Katie Grover 3rd hour
“The Danger of a
Single Story”
1.
Chimamanda family’s was a family from Nigeria.
Chimamanda learned to read at 4, and write at 7. She was a very fast
learner. She had never been outside of Nigeria to
experience the real world around her. She would read English and British books
and sometimes even write her own. Since
she only read English books she was convinces that she could not relate to
them, also that the books had to have foreign in it. She had a dad who was a professor and a mom
who was an administrator. When she turned 8 they got a new house boy and all
she knew about him was that he had a very poor family. They would send food and
clothes to him. Chimamanda’s family was a very caring family.
3.
The media can change things and change it to a different
side of view to make it sound all different. The media changed the “single story” so everyone
who read it and would read it a different way and pass it on to other people. They
would spread the word of the side of view they read the text. Then everyone interpreted
the story a different way from different perspectives.
6. The dangers of a “single story” perspective
is that people interpret stories their own way and change them when they tell
them to other people. Then we will never
know the whole story and never can know what fully happened.
A quote response:
I agree with the quote “The single
story created stereotypes and the problem with stereotypes is not that they are
untrue, but they are incomplete.

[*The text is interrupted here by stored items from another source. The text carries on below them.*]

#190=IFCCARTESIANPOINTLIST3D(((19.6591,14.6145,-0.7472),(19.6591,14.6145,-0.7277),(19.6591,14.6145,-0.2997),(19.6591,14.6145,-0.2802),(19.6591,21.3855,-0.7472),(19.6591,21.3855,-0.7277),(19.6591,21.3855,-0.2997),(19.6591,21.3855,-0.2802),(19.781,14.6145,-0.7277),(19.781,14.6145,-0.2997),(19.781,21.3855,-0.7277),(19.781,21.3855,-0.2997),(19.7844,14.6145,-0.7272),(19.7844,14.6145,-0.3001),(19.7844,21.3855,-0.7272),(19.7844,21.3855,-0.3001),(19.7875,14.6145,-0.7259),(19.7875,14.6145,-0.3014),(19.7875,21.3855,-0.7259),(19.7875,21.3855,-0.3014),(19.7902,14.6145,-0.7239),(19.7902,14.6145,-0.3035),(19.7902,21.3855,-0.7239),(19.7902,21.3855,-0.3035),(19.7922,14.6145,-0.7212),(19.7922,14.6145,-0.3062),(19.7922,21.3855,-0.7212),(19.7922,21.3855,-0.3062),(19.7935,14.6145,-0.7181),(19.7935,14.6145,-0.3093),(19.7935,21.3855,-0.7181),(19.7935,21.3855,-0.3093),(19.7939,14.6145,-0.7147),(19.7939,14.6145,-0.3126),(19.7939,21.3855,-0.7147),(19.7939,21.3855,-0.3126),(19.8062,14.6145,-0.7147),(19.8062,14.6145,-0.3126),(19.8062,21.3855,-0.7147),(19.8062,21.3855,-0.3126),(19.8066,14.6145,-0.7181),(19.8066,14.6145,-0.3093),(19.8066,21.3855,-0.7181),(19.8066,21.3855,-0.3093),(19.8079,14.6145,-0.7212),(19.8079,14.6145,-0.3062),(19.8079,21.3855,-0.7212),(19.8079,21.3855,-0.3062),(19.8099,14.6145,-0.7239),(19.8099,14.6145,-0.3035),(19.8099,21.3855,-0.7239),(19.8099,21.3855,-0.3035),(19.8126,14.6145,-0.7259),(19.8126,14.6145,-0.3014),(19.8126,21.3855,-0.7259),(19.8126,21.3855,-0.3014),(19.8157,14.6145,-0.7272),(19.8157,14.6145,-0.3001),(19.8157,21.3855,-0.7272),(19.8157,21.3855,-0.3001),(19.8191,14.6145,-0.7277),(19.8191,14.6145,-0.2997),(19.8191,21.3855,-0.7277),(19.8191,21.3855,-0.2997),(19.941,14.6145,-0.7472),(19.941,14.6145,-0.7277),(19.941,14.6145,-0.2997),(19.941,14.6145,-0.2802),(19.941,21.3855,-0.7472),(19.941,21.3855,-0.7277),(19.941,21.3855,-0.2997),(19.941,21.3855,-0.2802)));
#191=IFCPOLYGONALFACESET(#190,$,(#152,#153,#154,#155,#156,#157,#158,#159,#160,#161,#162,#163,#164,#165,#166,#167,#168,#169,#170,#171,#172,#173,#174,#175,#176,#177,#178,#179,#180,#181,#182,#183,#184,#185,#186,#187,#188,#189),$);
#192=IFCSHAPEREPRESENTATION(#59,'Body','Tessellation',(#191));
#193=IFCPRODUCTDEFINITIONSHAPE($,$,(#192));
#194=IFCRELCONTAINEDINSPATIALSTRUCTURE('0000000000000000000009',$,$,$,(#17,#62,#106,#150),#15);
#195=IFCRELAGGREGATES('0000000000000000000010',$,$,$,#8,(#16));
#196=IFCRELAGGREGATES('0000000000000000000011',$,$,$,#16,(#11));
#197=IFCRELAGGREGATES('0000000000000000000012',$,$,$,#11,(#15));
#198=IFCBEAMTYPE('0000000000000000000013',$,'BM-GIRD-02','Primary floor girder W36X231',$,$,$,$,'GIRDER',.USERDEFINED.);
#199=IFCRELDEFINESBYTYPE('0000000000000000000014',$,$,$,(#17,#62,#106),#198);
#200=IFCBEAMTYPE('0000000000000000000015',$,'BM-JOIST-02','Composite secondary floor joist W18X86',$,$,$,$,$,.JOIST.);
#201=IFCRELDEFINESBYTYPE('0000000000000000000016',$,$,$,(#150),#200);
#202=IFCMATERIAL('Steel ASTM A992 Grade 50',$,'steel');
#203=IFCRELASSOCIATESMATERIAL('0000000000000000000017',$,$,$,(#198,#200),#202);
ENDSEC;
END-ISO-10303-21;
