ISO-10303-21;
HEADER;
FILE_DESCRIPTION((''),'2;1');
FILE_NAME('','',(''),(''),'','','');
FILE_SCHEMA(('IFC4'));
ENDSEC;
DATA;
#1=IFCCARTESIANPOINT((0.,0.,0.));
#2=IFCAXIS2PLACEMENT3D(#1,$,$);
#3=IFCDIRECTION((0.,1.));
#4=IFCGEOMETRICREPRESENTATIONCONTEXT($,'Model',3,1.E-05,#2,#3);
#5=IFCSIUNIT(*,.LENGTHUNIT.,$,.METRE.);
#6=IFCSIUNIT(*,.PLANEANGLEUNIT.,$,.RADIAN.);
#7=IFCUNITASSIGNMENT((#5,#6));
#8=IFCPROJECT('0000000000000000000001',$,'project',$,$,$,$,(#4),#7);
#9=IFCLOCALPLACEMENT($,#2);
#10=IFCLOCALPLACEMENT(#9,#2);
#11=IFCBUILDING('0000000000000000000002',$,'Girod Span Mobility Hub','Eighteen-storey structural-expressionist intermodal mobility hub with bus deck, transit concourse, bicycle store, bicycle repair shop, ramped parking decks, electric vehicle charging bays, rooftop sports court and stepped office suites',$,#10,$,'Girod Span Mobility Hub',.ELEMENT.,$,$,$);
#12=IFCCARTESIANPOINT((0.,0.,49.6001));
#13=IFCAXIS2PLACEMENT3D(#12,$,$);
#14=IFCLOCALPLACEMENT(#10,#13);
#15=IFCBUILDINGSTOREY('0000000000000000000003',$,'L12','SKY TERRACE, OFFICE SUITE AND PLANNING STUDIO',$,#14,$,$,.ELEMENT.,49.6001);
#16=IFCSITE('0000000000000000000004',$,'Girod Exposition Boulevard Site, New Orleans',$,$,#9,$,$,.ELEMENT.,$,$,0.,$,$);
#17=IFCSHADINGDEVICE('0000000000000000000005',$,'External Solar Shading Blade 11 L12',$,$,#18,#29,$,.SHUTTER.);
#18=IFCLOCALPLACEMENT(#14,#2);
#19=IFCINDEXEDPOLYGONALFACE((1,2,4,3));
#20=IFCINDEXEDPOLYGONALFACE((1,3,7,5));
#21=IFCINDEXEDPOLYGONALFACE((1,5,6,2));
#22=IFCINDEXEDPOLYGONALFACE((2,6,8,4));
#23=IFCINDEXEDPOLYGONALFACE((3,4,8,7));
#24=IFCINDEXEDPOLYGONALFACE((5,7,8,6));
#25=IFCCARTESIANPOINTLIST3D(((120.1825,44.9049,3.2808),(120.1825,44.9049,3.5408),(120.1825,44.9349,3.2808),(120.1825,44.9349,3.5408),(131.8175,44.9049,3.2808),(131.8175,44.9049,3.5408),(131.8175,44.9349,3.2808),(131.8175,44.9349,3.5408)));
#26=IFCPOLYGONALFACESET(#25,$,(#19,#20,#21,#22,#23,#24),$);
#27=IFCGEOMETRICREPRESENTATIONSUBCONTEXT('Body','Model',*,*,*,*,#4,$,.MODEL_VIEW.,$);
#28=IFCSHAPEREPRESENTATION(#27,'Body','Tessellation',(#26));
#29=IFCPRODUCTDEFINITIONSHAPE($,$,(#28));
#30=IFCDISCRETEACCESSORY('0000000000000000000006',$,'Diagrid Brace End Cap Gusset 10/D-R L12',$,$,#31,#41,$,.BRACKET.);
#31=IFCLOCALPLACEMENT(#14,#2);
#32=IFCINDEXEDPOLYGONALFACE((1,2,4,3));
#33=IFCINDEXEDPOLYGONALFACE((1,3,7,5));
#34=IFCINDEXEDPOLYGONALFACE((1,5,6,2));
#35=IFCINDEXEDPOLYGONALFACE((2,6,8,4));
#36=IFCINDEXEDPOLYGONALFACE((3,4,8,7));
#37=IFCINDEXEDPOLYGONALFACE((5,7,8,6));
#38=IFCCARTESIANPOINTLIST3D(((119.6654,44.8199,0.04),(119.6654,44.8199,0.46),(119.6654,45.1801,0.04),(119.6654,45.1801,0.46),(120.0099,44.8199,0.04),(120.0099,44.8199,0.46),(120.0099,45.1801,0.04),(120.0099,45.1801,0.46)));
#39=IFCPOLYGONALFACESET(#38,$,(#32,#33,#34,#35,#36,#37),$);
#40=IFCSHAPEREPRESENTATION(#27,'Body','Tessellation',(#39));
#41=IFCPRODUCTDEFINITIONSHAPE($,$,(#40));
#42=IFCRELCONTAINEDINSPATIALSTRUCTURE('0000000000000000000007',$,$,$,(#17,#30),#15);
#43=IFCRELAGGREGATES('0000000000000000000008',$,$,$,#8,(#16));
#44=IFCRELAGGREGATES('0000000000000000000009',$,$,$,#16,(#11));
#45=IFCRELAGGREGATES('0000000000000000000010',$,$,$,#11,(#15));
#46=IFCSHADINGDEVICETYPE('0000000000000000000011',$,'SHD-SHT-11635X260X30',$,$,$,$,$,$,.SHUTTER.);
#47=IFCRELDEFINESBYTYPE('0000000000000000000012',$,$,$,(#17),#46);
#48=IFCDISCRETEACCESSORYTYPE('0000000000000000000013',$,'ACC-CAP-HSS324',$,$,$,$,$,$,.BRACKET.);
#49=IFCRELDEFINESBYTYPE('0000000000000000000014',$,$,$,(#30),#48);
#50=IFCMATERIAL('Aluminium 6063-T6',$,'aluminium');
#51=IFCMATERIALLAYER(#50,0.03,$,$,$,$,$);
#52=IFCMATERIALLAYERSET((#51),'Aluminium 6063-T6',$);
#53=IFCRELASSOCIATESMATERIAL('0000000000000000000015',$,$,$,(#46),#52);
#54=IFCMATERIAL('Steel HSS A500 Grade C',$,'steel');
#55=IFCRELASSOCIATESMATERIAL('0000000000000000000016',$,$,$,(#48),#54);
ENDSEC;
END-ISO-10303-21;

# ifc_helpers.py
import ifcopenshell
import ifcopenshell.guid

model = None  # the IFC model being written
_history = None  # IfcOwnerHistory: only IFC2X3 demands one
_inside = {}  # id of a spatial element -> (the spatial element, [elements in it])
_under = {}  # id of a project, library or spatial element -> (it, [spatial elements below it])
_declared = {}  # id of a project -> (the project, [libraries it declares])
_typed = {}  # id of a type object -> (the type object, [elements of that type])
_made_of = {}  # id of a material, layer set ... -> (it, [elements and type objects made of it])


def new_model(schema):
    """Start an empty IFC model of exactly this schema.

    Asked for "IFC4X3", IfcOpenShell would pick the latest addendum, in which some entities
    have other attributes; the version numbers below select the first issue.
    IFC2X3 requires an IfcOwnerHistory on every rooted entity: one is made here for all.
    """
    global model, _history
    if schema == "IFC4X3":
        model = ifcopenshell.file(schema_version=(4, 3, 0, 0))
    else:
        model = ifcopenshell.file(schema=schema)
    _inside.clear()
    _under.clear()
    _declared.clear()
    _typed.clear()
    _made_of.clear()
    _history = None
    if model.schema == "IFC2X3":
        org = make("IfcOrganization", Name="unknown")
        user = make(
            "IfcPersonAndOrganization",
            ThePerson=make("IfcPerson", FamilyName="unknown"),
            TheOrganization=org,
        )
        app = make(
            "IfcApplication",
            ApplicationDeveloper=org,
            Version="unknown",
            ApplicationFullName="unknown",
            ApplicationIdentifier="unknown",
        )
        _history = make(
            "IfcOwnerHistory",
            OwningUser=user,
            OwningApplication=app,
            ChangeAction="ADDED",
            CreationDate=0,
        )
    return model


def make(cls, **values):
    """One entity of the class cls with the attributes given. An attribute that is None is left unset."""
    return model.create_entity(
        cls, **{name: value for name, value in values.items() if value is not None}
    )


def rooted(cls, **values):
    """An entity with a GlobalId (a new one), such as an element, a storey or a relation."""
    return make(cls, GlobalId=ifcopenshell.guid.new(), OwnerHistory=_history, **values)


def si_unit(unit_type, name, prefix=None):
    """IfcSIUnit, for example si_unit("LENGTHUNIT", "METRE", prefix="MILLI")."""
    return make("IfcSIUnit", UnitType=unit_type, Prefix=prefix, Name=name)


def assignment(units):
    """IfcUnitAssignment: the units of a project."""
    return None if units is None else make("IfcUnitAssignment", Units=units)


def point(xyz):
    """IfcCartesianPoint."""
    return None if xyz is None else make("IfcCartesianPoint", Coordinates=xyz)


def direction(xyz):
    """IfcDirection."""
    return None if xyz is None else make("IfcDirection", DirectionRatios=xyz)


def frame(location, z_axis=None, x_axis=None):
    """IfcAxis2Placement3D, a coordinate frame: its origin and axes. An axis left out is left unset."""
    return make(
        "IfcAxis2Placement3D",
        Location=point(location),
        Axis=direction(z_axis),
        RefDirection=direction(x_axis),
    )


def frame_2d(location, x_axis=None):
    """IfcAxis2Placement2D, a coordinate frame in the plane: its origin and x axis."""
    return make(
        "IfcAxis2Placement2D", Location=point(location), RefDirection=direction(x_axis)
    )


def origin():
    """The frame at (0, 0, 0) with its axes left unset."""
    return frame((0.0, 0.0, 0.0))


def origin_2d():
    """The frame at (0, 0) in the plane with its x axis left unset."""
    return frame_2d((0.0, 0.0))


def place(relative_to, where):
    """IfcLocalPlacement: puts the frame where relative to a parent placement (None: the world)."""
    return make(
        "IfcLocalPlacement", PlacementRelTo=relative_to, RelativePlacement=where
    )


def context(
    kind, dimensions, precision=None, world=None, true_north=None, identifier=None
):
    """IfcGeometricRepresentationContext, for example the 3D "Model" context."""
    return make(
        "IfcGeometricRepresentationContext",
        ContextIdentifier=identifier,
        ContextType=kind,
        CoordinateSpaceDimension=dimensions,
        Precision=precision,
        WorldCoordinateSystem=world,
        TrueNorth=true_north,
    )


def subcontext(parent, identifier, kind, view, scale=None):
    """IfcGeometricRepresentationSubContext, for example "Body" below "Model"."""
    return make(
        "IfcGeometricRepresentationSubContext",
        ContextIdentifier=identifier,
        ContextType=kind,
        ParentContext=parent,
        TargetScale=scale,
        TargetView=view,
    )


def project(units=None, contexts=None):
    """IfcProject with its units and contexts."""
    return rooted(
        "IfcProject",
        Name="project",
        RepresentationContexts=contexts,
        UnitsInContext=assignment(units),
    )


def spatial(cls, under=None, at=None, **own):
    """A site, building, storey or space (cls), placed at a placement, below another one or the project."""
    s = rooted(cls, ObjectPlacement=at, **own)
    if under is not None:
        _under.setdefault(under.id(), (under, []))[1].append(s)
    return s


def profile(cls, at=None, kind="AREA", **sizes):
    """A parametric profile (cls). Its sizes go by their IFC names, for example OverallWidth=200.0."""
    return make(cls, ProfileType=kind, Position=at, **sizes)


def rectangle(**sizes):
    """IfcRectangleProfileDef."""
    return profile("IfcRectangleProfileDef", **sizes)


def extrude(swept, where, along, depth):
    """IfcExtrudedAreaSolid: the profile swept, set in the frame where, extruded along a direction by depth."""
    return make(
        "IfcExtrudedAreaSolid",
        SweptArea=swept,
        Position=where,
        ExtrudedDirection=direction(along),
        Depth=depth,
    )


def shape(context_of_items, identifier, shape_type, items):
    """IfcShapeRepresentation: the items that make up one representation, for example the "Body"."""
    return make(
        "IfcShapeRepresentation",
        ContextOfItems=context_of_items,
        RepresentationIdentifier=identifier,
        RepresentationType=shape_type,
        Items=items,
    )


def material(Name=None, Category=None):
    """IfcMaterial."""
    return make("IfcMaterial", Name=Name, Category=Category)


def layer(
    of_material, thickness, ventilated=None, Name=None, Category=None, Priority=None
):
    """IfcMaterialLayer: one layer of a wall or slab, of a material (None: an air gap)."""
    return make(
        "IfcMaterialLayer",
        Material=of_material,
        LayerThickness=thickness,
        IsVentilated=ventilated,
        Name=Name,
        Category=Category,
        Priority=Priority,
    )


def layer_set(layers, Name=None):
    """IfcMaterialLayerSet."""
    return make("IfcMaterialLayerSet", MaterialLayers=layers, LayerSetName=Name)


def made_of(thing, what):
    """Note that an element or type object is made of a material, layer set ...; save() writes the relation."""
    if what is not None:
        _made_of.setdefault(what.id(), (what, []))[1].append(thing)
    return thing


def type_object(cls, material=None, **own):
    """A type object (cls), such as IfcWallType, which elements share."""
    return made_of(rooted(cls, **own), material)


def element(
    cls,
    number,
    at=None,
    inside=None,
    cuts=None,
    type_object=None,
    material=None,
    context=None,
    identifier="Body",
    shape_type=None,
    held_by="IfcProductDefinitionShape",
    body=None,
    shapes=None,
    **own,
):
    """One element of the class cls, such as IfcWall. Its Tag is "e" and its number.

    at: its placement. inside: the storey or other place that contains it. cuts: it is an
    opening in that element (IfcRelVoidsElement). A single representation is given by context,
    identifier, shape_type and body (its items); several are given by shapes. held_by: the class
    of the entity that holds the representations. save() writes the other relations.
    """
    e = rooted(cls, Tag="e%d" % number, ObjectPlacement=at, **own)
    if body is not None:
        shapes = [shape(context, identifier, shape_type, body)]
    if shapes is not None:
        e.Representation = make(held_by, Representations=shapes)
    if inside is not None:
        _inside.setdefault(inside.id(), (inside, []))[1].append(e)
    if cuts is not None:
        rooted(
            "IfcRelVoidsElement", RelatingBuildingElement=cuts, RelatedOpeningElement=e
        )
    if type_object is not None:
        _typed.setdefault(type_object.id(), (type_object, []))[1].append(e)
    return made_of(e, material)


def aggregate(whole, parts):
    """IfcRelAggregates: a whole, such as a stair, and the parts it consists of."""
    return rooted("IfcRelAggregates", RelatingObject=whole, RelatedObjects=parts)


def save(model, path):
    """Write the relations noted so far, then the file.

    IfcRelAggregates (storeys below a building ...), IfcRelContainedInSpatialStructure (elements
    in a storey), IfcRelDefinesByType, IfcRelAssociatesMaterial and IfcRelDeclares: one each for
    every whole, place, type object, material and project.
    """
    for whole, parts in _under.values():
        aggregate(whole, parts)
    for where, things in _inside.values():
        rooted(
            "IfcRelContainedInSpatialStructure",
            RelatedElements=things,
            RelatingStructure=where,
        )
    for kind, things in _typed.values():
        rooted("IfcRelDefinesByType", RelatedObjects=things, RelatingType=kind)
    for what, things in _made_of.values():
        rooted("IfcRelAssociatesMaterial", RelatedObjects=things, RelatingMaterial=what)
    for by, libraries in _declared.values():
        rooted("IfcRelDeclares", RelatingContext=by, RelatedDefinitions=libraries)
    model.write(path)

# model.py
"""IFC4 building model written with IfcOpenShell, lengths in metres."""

from ifc_helpers import new_model, si_unit, direction, frame, origin, origin_2d, place, context, subcontext, project, spatial, rectangle, extrude, material, layer, layer_set, type_object, element, save


model = new_model("IFC4")

# Units and contexts
model_context = context("Model", 3, precision=1e-05, world=origin(), true_north=direction((0.0, 1.0)))
body_context = subcontext(model_context, "Body", "Model", "MODEL_VIEW")
ifc_project = project(units=[si_unit("LENGTHUNIT", "METRE"), si_unit("PLANEANGLEUNIT", "RADIAN")], contexts=[model_context])

# Site, building, storey
site_placement = place(None, origin())
site = spatial("IfcSite", under=ifc_project, at=site_placement, Name="Girod Exposition Boulevard Site, New Orleans", CompositionType="ELEMENT", RefElevation=0.0)
building_placement = place(site_placement, origin())
building = spatial("IfcBuilding", under=site, at=building_placement, Name="Girod Span Mobility Hub", Description="Eighteen-storey structural-expressionist intermodal mobility hub with bus deck, transit concourse, bicycle store, bicycle repair shop, ramped parking decks, electric vehicle charging bays, rooftop sports court and stepped office suites", LongName="Girod Span Mobility Hub", CompositionType="ELEMENT")
storey_placement = place(building_placement, frame((0.0, 0.0, 49.6001)))
storey = spatial("IfcBuildingStorey", under=building, at=storey_placement, Name="L12", Description="SKY TERRACE, OFFICE SUITE AND PLANNING STUDIO", CompositionType="ELEMENT", Elevation=49.6001)

# Shading device
ifc_material_1 = material(Name="Aluminium 6063-T6", Category="aluminium")
ifc_layer_1 = layer(ifc_material_1, 0.03)
ifc_layer_set_1 = layer_set([ifc_layer_1], Name="Aluminium 6063-T6")
shading_device_type = type_object("IfcShadingDeviceType", Name="SHD-SHT-11635X260X30", PredefinedType="SHUTTER", material=ifc_layer_set_1)
shading_device_placement = place(storey_placement, frame((126.0, 44.9199, 3.2808), z_axis=(0.0, 0.0, 1.0), x_axis=(1.0, 0.0, 0.0)))
element("IfcShadingDevice", 1, at=shading_device_placement, inside=storey, type_object=shading_device_type, Name="External Solar Shading Blade 11 L12", PredefinedType="SHUTTER", context=body_context, shape_type="SweptSolid", body=[
    extrude(rectangle(XDim=11.635, YDim=0.03, at=origin_2d()), origin(), (0.0, 0.0, 1.0), 0.26),
])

They make one story become the only story”. I can relate to this because I have gotten
told a story and favorite a side but when I go to tell others I say it on the
side I favor, I change the story to make the persons side I am on look and
sound good. People have done this with many stories especially in the past. Another example of this is that before
starting the Africa unit I didn’t know much about Africa except that they are a
poor continent. Now after studying lots
of the countries I have learned more that not every country is a poor as people
make it sound. People change the stories to favor sides and make people sound
good. Sometimes we will never know the
whole story.
I agree with number three. The media could do more to prevent single-stories.